Can the REW distance measurements be used to time/phase align subwoofers?


----------



## phazewolf (Feb 5, 2012)

You can measure the time it takes for the pulse of sound to hit the mic and calculate the distance that way. Wile some frequency are a larger wave they still move the same speed.


----------



## jtalden (Mar 12, 2009)

A phazewolf indicates, REW can accurately measure the relative phase between SWs and also between SWs and main speakers. It is necessary use the REW loopback feature to determine relative timing between speakers.

Be advised:
> A simple tape measurement is adequate to closely time align multiple identical SWs.
> It is more important to have smooth/flat SPL response through the XO range than closely matched phase response IMO. 
> If the the SWs/mains phase is relatively close in the XO range EQ can be implemented to smooth the response and the speakers will not be overly taxed to provide the needed SPL output. A timing error of 2 ft or less for a 100 Hz XO is often adequate for good performance.


----------



## GGA (Oct 31, 2006)

Thanks for the replies.

However, if the wavelength is say 14 feet long (80Hz) I do not understand what part of the wavelength REW uses to determine the distance for the sub. The distance could vary widely depending on what part of the signal REW is using.


----------



## jtalden (Mar 12, 2009)

REW provides the timing/phase of all frequencies a speaker produces relative to the loopback timing signal. The loopback signal is consistent in timing so the differences in timing between 2 or more speaker measurements can be compared.

It's easy enoughto prove the accuracy. Just measure the same speaker over and over again and see the the impulse is always located at exactly the same timing. Move the mic position a known distance and see the impulse move accordingly.


----------



## bobkatz (Mar 28, 2009)

I'm quite puzzled by my own subwoofer impulse measurement, and I have loopback working and it is working properly. When I measure the full range measurement, or the satellites without the sub, I get a time of flight of 9.52 feet, which corresponds very well to the loudspeaker-microphone distance plus a bit of latency in the interface. But when I take the measurement of the subwoofer alone, the time of flight is 20.14 feet! Which we all know is wrong.

The subs and the mains are currently all crossed over by an analog crossover, there is only one D/A converter so we can't blame latency or software on this. It is strictly either an REW issue, or simply some phenomenon related to subwoofer measurement. I have never been able to measure time of flight accurately from a band-limited sub, and I believe that the impulse is not short enough to provide a proper trigger for the measurement hardware. My method of integrating a subwoofer has always been to feed wideband noise or a sweep, and adjust the woofer's phase control (if there is one) and/or the woofer's position in the room to minimize peaks and dips and/or obvious comb-filter artifacts at the crossover frequency. This is very accurate from my experience. 

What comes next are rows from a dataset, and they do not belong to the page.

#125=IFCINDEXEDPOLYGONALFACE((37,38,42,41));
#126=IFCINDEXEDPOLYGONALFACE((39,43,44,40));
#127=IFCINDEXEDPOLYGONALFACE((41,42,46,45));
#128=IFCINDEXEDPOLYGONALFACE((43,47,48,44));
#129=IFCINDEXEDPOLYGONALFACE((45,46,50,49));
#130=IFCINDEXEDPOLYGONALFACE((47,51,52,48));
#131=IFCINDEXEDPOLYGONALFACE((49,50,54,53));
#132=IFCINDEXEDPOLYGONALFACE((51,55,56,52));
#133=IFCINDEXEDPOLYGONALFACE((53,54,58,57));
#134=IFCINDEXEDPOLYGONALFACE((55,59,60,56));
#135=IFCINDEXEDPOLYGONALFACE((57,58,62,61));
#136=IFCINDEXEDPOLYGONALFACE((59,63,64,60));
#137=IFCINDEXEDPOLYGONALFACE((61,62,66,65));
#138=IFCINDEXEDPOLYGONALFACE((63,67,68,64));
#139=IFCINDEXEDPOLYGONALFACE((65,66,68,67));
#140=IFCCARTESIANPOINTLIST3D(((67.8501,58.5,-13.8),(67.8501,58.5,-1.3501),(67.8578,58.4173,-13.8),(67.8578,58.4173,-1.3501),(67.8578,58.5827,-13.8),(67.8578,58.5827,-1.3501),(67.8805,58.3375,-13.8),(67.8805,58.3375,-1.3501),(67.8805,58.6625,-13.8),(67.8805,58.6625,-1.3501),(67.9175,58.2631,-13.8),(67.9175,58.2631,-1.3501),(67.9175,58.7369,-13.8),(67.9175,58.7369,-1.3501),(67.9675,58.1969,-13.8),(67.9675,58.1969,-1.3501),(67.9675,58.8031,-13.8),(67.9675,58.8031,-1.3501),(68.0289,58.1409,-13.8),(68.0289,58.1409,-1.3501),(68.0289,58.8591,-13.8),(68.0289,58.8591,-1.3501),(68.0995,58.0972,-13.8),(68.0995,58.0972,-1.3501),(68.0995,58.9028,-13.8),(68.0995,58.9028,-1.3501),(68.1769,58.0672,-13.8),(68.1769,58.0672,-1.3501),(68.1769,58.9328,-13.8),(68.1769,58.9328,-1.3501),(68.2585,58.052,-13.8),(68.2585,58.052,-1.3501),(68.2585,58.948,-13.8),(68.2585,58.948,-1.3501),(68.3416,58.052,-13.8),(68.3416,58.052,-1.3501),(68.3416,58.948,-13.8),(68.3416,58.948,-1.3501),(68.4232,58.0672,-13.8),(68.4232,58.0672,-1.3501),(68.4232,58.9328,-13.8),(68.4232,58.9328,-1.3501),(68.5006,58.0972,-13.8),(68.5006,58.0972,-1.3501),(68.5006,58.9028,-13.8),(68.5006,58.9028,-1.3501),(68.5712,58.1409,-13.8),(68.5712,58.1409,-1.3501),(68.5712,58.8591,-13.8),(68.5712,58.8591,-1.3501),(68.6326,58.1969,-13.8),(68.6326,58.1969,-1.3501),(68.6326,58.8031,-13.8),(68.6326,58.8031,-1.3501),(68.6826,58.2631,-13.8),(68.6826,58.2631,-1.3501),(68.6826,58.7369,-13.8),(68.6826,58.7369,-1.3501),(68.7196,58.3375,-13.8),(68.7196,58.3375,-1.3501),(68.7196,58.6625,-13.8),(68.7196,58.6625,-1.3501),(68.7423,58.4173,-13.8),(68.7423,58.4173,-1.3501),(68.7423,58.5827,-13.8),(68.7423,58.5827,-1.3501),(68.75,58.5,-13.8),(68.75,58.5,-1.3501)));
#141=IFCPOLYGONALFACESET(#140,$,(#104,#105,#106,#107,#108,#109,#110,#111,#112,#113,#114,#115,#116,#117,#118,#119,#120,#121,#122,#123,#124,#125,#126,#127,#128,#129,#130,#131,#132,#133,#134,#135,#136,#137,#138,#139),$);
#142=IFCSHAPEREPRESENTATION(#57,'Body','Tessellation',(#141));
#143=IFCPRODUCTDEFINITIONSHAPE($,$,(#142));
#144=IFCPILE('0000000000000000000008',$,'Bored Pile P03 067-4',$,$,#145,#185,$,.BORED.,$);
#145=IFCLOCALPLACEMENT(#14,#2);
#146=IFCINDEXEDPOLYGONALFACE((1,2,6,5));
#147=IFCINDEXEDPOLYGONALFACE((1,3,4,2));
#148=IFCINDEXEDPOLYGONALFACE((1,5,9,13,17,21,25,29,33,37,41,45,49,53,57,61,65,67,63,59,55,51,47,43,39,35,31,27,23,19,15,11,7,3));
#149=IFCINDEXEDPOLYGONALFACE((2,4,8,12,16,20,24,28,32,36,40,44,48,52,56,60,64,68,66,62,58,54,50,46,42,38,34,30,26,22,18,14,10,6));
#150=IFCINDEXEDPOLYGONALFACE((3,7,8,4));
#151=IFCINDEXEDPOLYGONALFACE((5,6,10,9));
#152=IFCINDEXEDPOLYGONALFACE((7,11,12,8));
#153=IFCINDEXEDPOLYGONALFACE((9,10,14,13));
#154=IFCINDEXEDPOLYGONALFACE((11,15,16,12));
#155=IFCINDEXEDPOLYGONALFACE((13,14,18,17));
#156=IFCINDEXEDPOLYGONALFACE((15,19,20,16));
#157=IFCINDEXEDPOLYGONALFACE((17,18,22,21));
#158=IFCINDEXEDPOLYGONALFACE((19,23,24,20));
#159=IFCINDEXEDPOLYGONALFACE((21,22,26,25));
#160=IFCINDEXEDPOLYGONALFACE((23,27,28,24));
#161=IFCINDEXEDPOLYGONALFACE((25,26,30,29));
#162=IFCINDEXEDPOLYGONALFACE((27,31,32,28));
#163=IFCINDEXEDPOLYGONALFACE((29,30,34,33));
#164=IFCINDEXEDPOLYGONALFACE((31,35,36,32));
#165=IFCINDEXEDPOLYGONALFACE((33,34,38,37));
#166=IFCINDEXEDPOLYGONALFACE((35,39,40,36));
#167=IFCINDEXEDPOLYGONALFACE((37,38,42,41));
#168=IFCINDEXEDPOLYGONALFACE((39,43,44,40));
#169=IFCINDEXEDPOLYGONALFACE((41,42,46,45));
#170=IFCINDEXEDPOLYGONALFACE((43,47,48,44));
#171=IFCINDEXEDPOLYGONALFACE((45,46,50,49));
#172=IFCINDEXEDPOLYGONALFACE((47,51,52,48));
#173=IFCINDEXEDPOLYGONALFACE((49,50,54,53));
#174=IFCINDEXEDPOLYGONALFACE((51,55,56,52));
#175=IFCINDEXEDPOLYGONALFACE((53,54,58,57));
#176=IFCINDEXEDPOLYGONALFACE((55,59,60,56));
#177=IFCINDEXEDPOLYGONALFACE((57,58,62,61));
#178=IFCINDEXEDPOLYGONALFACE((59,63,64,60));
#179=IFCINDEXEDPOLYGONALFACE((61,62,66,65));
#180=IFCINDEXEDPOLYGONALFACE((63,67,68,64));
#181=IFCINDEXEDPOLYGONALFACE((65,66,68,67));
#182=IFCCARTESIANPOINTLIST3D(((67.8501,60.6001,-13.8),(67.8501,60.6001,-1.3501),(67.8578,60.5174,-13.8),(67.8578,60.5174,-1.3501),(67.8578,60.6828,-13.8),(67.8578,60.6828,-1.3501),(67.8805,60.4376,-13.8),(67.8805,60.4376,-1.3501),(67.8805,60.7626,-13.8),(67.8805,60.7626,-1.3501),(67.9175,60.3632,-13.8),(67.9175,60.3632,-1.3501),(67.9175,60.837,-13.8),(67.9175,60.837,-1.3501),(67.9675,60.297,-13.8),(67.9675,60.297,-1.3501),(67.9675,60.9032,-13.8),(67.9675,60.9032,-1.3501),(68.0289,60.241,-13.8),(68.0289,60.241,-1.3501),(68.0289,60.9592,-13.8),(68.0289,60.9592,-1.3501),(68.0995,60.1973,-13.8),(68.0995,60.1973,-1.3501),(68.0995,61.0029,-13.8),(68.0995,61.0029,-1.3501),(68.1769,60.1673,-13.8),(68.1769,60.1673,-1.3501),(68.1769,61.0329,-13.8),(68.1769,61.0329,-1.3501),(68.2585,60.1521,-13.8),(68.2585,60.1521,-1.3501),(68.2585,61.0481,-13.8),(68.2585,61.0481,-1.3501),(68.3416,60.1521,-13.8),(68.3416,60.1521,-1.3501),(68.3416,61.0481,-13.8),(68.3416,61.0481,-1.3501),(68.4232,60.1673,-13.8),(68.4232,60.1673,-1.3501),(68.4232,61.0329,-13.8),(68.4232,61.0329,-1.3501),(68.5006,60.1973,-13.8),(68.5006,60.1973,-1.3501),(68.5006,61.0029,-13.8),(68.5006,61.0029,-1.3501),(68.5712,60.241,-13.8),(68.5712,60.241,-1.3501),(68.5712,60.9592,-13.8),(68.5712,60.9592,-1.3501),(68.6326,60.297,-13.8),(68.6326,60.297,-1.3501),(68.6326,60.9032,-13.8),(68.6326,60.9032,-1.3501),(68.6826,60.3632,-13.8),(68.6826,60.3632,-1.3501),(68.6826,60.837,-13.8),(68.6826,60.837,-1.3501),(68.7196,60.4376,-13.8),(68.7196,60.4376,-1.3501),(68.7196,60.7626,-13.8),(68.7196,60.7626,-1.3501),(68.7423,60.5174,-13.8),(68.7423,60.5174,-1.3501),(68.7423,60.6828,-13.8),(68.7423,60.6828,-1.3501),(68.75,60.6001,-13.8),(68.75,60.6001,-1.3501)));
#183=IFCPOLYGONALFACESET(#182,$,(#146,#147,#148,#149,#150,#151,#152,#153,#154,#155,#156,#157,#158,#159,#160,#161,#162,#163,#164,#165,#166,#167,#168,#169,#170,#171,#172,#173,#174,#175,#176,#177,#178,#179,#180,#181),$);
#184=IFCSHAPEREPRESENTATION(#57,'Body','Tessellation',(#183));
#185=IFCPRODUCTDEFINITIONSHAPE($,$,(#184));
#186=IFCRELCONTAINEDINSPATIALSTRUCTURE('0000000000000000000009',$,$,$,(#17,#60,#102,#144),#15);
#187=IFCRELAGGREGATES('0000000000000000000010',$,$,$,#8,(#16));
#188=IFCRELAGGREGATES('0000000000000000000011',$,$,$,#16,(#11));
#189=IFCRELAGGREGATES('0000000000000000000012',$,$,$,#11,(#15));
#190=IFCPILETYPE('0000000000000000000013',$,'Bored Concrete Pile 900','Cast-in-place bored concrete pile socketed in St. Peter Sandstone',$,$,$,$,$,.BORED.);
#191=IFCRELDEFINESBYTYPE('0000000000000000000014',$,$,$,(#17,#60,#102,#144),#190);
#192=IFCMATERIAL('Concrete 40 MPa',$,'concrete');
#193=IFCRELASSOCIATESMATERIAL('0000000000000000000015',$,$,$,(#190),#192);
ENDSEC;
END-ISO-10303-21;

The RTA in REW, set to very few averages, has enough resolution to make this measurement and adjustment possible in real time. When I convert to JRiver and AudioLense (thanks, Mitch!) I'll see if what that system does about analyzing subwoofer position.


----------



## jtalden (Mar 12, 2009)

Bob,
There may be an issue or there may not. The "Time of flight" or delay is a function of frequency. The SW to Main timing is not easily evaluated by looking just at the IR peaks. The conventional wisdom is to adjust the timing such that the SW and Main provide close phase tracking throughout the XO range. 

If you post a measurement of the SW, Main, and SW+Main I will review it and comment in more detail.


----------



## bobkatz (Mar 28, 2009)

jtalden said:


> Bob,
> There may be an issue or there may not. The "Time of flight" or delay is a function of frequency. The SW to Main timing is not easily evaluated by looking just at the IR peaks. The conventional wisdom is to adjust the timing such that the SW and Main provide close phase tracking throughout the XO range.
> 
> If you post a measurement of the SW, Main, and SW+Main I will review it and comment in more detail.

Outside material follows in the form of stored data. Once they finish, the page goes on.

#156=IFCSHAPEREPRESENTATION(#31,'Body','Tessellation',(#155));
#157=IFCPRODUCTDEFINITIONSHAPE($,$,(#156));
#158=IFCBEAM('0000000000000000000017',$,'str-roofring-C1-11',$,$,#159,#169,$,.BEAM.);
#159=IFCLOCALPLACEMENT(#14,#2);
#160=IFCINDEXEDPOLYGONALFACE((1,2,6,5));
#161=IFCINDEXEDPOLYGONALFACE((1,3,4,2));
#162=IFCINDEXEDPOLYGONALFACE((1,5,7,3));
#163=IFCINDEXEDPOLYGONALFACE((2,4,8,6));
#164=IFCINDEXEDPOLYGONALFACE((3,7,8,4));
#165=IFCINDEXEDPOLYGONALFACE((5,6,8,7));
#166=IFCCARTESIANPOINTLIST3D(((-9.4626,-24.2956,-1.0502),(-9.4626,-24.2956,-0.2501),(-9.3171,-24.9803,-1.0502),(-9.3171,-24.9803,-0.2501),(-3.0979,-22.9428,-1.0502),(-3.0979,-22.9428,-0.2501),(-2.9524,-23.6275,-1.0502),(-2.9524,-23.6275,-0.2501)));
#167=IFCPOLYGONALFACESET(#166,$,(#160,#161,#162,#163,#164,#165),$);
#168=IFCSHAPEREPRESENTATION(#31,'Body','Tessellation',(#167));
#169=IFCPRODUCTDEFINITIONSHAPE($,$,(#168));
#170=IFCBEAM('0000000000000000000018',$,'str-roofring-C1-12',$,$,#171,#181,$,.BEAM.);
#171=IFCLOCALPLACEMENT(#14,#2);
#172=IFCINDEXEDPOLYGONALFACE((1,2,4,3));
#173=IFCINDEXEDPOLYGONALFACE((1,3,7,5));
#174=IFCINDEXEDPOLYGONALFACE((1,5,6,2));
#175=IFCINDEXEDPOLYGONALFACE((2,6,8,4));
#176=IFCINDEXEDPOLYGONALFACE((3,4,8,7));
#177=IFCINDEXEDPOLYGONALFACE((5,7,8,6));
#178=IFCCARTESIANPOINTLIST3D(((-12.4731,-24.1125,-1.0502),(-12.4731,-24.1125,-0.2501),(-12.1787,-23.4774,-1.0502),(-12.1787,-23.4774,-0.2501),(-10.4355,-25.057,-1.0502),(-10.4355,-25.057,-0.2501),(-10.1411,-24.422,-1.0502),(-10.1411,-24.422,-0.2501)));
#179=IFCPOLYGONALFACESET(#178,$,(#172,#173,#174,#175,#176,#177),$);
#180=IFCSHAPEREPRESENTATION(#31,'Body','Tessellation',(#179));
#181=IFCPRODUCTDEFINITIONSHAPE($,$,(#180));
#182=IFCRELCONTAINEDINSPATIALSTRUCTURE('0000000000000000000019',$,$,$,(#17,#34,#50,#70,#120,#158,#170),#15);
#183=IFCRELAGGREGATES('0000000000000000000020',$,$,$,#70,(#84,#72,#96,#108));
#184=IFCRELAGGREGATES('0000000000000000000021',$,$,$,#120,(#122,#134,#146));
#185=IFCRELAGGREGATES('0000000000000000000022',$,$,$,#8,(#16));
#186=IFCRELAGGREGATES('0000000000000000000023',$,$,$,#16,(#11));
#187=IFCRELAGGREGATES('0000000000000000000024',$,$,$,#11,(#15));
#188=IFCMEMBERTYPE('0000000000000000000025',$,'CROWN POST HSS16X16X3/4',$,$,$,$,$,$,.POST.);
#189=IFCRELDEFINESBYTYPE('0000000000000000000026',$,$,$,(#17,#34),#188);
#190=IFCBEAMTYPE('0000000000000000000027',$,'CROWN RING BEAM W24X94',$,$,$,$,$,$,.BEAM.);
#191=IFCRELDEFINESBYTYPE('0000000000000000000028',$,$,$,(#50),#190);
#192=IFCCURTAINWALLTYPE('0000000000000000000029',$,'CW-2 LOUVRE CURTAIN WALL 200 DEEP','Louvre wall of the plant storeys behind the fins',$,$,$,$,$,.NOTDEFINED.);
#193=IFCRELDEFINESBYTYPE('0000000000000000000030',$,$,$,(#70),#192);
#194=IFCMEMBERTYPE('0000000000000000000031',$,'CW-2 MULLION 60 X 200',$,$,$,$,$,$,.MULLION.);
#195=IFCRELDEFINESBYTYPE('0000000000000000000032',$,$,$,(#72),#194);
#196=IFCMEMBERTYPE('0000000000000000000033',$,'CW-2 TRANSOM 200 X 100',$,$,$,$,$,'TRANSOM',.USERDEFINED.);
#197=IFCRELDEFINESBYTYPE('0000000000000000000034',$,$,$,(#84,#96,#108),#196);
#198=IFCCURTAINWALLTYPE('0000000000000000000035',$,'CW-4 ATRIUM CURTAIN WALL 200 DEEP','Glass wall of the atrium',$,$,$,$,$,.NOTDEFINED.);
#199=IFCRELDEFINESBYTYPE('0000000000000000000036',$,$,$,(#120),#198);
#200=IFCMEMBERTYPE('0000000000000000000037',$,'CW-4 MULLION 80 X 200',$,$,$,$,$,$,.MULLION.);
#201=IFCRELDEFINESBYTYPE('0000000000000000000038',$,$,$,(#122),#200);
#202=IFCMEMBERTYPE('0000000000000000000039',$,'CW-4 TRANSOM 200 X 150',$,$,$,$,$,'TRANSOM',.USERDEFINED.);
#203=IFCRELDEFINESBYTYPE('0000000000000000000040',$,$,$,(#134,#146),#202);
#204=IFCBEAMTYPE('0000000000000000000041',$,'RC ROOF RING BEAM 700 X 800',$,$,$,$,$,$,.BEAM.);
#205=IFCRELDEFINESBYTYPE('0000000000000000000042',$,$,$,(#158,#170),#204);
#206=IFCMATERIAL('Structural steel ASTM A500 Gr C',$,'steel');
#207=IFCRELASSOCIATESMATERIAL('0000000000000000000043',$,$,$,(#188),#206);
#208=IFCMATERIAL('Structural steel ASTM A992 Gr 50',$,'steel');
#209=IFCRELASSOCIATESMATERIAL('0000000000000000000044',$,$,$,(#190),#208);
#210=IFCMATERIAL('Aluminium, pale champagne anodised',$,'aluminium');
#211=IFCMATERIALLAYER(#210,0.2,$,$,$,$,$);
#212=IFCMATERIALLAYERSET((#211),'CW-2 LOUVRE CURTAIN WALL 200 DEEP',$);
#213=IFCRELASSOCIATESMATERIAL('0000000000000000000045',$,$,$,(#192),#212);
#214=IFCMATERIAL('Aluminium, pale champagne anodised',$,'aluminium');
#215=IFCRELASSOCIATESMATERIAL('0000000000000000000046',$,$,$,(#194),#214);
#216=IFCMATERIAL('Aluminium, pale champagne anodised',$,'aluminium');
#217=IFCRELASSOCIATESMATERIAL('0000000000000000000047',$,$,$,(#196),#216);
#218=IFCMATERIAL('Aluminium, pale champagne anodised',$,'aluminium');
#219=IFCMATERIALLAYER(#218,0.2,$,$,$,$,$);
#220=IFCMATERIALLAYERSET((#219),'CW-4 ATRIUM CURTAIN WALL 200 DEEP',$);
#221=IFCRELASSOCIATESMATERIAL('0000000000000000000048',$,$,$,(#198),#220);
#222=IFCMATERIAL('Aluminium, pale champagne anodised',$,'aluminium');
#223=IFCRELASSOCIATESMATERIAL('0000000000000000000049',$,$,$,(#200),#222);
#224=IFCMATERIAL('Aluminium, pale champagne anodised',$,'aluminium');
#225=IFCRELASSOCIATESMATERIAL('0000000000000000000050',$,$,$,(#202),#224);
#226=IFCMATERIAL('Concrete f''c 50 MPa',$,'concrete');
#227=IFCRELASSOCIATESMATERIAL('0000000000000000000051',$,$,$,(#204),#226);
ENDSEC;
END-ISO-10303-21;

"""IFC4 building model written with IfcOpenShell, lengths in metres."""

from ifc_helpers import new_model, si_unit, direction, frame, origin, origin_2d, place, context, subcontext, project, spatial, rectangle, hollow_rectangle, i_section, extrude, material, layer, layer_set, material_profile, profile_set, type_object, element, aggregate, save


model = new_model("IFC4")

Well, who can argue with that! Thanks for the offer. Attached are the measurements, Left front full range, Left front without the left sub, and left sub alone. Crossover is about 60 Hz, all done in the analog domain.


----------



## jtalden (Mar 12, 2009)

Got it.
I will review and comment on timing soon.


----------



## jtalden (Mar 12, 2009)

Bob,
I see your concern is valid.
The SW is excessively delayed according to the files you provided. This is not good timing for any philosophy regarding proper XO timing alignment. Of course if the timing was somehow corrupted by your setup/calibration then all the following comments are not relevant.

[There was a 2 dB SPL offset between the SW and Mains as indicated by the SW+Mains. I just ignored this for these comments as an SPL offset does not impact any comments regarding the delay/phase.]

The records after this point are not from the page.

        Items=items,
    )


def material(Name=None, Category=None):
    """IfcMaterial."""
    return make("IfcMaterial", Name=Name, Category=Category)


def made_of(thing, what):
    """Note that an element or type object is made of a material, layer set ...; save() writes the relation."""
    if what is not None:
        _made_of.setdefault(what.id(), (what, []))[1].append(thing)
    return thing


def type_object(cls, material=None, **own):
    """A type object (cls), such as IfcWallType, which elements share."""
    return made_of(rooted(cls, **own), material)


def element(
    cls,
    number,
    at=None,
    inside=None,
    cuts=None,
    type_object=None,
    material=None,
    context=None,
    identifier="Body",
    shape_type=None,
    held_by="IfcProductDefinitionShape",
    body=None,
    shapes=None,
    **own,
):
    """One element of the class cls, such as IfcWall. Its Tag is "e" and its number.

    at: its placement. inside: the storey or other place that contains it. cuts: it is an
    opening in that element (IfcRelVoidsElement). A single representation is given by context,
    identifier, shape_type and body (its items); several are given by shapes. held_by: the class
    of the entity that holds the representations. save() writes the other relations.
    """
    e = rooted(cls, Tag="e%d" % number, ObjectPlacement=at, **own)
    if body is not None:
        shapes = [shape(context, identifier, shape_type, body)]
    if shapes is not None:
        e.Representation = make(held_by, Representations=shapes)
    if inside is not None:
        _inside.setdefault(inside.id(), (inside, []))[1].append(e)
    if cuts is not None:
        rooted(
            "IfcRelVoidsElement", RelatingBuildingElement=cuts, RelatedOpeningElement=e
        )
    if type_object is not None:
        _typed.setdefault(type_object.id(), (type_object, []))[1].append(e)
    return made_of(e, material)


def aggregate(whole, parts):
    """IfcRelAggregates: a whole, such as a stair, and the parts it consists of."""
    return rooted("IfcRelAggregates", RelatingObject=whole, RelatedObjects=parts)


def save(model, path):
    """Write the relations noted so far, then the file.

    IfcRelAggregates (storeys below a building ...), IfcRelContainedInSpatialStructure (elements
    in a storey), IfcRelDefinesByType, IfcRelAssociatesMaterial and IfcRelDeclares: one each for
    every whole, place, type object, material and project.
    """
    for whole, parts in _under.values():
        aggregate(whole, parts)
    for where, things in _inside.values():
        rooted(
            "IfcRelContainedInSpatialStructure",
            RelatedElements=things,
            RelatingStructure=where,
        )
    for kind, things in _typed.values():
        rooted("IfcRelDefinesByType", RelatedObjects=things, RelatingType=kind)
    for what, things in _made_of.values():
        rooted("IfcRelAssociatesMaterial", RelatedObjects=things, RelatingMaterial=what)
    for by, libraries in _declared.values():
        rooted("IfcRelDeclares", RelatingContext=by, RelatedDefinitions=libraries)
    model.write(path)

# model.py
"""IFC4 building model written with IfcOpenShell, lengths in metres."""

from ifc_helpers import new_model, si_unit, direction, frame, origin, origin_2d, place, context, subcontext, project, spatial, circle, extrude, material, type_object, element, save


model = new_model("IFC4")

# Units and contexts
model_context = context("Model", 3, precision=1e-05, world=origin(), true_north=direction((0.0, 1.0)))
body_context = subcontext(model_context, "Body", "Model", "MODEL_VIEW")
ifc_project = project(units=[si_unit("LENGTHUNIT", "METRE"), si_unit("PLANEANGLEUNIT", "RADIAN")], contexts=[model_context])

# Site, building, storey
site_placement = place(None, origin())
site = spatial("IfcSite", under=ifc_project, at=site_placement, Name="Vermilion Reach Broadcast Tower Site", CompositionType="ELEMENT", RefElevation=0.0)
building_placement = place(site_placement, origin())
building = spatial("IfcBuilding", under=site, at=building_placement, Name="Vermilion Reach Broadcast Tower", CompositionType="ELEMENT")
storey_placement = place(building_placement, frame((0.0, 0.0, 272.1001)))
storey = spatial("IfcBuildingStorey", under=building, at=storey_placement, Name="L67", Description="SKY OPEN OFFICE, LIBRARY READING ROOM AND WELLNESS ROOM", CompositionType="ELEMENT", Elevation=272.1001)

[To be safe, I normally sweep full range for SW and Main as this provides REW a nice sharp loopback IR signal to set the timing on. I have not seen any error even when reducing the SW sweep range, but it is safer to use the full range measurement. It is pretty safe to assume this was no issue here.]

Your XO is very steep (high order) such that the XO range is very narrow (about 55-85 Hz) and thus the phase matching is not overly critical as it impacts the SPL in only a very narrow range. The more important issue is that the delay/timing is reasonable at the XO. 








The current delays provide the following phase tracking through the XO range. It is okay for phase at 60 Hz, but the phase tracking through the XO is not the best and the SW IR delay relative to the Main is excessive.
[Note that I offset both the SW and Main measurement IRs by 8.475 ms (the offset of the peak of the mains). This is necessary to best evaluate the phase timing around the 60 Hz XO.]
















Option 1:
Reducing the delay of the SW (or increasing the delay of the Main) by 14 ms And inverting the polarity of the SW we get:
















This provides better phase agreement through the entire XO range and brings the SW timing more in line with conventional practice.


Option 2:
Reducing the delay of the SW (or increasing the delay of the Main) by 22 ms we get:
















This provides better phase agreement through the entire XO range and brings the SW timing more in line with the Main. With this alignment the GD will be minimized compared to the other 2 alignments.

Because of the very steep XO the impact on SPL through the XO range is minor with any of these alignments.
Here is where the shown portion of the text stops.